As a leader, you can consider yourself both the creator and the keeper of the habits in your organization. If you are inconsistent, then your organization will be inconsistent. Conversely, if you are relentlessly focused on doing a small number of things over and over again – if you are focused on being CONSISTENT – your organization will also become consistent.
Behaviors form habits. Habits drive culture.
The easiest way to incorporate habits into your organization is to introduce new behaviors one or two at a time, and then focus single-mindedly on expressing and reinforcing each behavior on a daily basis, until it becomes something that the team simply embodies. It is now a habit. Then pick a new behavior or two and do the same thing with these behaviors, while regularly checking in on the original set of new habits. Do this consistently over a year and you can successfully implement dozens of desired habits each year in your organization. These new habits will become your new culture.

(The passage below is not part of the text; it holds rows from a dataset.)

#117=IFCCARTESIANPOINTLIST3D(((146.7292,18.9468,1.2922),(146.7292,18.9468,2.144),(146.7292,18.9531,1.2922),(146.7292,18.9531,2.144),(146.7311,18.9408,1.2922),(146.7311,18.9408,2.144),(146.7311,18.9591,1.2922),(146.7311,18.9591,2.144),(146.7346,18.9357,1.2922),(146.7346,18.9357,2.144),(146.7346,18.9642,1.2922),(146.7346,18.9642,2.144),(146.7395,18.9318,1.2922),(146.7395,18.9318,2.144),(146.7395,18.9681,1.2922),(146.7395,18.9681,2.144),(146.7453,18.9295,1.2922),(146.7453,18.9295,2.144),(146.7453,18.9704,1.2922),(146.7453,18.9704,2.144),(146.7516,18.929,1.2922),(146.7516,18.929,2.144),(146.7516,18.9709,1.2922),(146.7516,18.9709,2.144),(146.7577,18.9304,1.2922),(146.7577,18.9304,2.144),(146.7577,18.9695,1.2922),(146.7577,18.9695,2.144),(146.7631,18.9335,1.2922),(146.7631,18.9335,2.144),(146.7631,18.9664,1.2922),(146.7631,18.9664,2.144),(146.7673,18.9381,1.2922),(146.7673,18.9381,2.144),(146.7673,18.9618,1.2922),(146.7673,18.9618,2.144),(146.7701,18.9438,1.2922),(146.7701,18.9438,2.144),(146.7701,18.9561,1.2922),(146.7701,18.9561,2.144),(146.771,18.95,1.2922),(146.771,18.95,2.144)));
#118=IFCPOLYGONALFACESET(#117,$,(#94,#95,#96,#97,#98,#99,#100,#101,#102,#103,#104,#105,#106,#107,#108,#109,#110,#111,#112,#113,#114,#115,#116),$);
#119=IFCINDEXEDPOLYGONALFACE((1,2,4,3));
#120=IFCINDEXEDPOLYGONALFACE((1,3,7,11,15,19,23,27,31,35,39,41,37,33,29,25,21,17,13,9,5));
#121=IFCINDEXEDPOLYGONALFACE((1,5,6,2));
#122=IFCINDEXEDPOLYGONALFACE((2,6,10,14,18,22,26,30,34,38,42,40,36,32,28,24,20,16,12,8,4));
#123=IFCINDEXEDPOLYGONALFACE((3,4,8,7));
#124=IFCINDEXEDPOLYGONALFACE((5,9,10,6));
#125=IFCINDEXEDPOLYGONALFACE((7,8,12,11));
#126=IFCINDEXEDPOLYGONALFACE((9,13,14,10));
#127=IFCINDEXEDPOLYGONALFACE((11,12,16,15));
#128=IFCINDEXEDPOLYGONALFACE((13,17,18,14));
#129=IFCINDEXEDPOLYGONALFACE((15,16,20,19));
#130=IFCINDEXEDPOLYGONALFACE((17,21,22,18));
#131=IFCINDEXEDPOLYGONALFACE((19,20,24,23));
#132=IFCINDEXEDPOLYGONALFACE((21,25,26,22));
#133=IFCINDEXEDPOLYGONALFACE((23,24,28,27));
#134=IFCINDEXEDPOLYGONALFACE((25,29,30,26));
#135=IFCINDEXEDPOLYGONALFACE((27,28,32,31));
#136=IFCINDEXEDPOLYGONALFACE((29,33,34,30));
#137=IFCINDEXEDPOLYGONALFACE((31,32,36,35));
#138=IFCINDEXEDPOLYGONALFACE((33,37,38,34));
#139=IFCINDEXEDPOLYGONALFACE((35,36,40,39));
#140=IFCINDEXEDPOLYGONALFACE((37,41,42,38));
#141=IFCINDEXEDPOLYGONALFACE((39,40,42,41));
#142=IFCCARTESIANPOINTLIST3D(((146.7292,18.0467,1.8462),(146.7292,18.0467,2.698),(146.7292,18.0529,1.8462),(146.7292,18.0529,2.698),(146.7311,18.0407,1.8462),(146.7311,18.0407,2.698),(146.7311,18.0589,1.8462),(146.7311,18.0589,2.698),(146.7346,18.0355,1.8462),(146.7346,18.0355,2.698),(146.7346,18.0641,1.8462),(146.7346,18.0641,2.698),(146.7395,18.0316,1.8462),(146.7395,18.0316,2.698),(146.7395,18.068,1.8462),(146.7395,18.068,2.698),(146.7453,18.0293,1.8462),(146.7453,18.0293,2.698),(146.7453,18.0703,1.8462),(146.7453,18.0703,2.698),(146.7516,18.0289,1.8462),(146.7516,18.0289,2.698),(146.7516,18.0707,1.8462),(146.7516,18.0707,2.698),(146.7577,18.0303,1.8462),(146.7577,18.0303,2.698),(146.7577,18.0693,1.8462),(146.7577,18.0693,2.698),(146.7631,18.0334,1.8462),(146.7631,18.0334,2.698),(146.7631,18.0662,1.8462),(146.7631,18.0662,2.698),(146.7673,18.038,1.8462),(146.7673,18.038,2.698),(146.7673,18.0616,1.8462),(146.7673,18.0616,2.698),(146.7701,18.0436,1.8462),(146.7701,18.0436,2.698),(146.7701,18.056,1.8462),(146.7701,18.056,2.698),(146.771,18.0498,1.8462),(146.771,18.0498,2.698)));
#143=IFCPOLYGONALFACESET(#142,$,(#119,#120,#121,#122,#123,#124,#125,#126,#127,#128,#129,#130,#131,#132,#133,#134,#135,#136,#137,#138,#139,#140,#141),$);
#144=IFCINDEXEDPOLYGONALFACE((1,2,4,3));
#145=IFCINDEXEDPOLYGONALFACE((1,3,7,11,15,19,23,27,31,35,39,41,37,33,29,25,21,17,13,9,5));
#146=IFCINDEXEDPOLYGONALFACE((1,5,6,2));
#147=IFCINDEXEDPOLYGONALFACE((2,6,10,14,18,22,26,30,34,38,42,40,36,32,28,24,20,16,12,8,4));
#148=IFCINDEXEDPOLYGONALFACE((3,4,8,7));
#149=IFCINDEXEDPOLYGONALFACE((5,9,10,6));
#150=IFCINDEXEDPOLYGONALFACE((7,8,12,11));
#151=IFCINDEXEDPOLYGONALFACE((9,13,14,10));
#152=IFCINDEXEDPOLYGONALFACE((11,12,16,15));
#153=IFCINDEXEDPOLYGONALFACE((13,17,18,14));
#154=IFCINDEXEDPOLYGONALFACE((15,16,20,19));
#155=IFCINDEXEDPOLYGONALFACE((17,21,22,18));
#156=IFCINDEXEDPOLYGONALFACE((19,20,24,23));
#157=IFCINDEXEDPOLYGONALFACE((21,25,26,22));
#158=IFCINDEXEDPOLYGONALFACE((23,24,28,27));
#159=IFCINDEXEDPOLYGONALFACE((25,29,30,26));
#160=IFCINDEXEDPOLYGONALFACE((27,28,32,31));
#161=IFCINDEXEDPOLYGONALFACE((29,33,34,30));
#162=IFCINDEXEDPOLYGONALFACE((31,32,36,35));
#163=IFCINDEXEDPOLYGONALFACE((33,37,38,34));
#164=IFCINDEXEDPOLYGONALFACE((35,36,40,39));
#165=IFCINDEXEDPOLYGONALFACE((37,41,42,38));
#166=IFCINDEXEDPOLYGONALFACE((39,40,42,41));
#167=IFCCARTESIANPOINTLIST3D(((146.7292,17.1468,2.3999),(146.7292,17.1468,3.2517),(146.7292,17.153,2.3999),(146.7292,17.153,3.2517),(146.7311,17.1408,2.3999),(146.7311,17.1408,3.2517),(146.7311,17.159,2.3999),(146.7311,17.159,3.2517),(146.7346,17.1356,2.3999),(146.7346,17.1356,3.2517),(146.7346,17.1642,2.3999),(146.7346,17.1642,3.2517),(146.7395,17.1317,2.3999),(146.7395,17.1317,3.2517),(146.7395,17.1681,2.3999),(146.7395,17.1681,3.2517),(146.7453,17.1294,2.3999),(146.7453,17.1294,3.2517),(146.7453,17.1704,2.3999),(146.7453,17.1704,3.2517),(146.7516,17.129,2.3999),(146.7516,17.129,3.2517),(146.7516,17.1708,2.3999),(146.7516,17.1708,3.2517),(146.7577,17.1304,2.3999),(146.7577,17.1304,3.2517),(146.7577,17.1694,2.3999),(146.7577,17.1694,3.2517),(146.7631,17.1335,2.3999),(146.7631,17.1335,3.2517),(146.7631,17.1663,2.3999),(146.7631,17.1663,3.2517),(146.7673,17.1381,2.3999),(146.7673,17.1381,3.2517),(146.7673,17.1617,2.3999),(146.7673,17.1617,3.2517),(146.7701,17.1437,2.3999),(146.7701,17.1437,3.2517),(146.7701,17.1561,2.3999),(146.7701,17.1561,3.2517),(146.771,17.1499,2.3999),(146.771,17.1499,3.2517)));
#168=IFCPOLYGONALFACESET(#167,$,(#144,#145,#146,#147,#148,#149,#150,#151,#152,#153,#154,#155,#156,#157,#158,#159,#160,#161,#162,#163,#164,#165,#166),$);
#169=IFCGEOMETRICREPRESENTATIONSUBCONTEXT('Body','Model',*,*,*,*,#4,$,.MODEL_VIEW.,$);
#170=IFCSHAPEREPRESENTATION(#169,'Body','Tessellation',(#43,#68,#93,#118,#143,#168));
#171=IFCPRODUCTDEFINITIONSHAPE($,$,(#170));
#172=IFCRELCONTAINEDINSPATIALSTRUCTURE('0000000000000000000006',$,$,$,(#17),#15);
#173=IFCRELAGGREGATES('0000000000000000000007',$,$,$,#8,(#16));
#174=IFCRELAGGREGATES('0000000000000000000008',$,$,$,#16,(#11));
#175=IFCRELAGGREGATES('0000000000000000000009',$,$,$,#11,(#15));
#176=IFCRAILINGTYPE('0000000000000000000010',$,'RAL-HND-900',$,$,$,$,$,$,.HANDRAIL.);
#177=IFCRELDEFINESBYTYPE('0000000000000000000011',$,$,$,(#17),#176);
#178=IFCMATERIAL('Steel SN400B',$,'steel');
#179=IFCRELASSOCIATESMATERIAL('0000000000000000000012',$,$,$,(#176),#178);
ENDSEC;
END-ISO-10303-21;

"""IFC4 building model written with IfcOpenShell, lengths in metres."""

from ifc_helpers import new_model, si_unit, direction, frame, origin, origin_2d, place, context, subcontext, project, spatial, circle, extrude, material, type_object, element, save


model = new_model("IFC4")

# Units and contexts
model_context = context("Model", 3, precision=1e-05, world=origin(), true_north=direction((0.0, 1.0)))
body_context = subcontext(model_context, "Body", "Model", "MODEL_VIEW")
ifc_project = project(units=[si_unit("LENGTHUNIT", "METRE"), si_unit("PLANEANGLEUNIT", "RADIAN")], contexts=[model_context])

HOW THINGS ARE DONE HERE – TRAINING FOR RESULTS
If you don’t know exactly how you want your organization to behave, then your people have no chance of helping you achieve your goals. This is where documented systems and procedures come into play; and where a strong training program is paramount to success.
I’m not talking about an “employee handbook” that you send home with a new hire on their first day of employment and require them to sign on day two. I’m talking about real-life, practical standard operating procedures that are posted for all to see, regularly referenced, and that your staff are regularly trained and evaluated on.
Many small business owners have created SOPs for their organizations and pride themselves on having robust operating manuals. They require their people to read the procedures, and some even teach them how do perform them, but few, if any, actually regularly train and test their people until they are experts on the procedures. This is the difference between telling, teaching and training your people.
TELLING is literally that; talking at your people about what they should do.
TEACHING is the act of showing someone what to do, and in some cases watching that they do it right once or twice.
TRAINING is where the rubber meets the road. It’s the process of consistently teaching and evaluating your employee’s performance over time to ensure that the process or system is not only understood, but also acculturated. It has become a habit.
You can’t create culture, but by using some of these techniques you may be able to strongly influence the way that your company operates.